Were I alone to pass the difficulties,

And had as ample power as I have will,

Paris should ne’er retract what he hath done,

Nor faint in the pursuit.

Pri.Paris, you speak

Like one besotted on your sweet delights:

You have the honey still, but these the gall;

So to be valiant is no praise at all.

Par.Sir, I propose not merely to myself

The pleasure such a beauty brings with it;

But I would have the soil of her fair rape

Wip’d off, in honourable keeping her.

What treason were it to the ransack’d queen,

Disgrace to your great worths, and shame to me,

Now to deliver her possession up,

On terms of base compulsion! Can it be

That so degenerate a strain as this

Should once set footing in your generous bosoms?

There’s not the meanest spirit on our party

Without a heart to dare or sword to draw

When Helen is defended, nor none so noble

Whose life were ill bestow’d or death unfam’d

Where Helen is the subject: then, I say,

Well may we fight for her, whom, we know well,

The world’s large spaces cannot parallel.

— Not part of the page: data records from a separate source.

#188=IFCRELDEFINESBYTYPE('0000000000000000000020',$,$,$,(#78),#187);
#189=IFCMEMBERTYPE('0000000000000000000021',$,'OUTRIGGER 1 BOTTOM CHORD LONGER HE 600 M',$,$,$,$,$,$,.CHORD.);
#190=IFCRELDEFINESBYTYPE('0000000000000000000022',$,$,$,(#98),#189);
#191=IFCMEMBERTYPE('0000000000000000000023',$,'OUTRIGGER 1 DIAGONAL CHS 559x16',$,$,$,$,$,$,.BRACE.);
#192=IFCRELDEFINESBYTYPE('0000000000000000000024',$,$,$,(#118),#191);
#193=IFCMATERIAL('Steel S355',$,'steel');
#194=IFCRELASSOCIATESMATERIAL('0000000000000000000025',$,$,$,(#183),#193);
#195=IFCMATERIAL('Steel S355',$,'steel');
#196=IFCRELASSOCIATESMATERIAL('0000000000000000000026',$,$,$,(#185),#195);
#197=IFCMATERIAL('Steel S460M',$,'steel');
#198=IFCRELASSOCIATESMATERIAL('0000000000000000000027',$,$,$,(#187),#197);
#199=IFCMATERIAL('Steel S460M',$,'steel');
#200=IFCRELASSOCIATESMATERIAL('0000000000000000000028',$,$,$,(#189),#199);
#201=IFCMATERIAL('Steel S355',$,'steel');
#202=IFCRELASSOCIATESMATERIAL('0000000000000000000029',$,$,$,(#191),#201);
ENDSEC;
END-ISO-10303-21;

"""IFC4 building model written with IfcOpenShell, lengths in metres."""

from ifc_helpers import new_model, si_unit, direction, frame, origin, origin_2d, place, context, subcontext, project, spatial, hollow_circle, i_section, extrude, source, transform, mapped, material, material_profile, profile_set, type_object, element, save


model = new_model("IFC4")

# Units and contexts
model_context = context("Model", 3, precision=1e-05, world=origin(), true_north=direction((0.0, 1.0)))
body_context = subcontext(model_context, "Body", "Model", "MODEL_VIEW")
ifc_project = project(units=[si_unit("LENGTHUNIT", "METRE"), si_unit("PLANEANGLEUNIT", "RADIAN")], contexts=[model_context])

Hect.Paris and Troilus, you have both said well;

And on the cause and question now in hand

Have gloz’d, but superficially; not much

Unlike young men, whom Aristotle thought

Unfit to hear moral philosophy.

The reasons you allege do more conduce

To the hot passion of distemper’d blood

Than to make up a free determination

’Twixt right and wrong; for pleasure and revenge

Have ears more deaf than adders to the voice

Of any true decision. Nature craves

All dues be render’d to their owners: now,

What nearer debt in all humanity

Than wife is to the husband? if this law

Of nature be corrupted through affection,

And that great minds, of partial indulgence

To their benumbed wills, resist the same;

There is a law in each well-order’d nation

To curb those raging appetites that are

Most disobedient and refractory.

If Helen then be wife to Sparta’s king,

As it is known she is, these moral laws

Of nature, and of nations, speak aloud

To have her back return’d: thus to persist

In doing wrong extenuates not wrong,

But makes it much more heavy. Hector’s opinion

Is this, in way of truth; yet, ne’ertheless,

My spritely brethren, I propend to you

In resolution to keep Helen still;

For ’tis a cause that hath no mean dependance

Upon our joint and several dignities.

Tro.Why, there you touch’d the life of our design:

Were it not glory that we more affected

Than the performance of our heaving spleens,

I would not wish a drop of Trojan blood

Spent more in her defence. But, worthy Hector,

She is a theme of honour and renown,

A spur to valiant and magnanimous deeds,

Whose present courage may beat down our foes,

And fame in time to come canonize us;

For, I presume, brave Hector would not lose

So rich advantage of a promis’d glory

As smiles upon the forehead of this action

For the wide world’s revenue.

Hect.I am yours,

You valiant offspring of great Priamus.

I have a roisting challenge sent amongst

The dull and factious nobles of the Greeks

Will strike amazement to their drowsy spirits.

I was advertis’d their great general slept

Whilst emulation in the army crept:

This, I presume, will wake him.[Exeunt.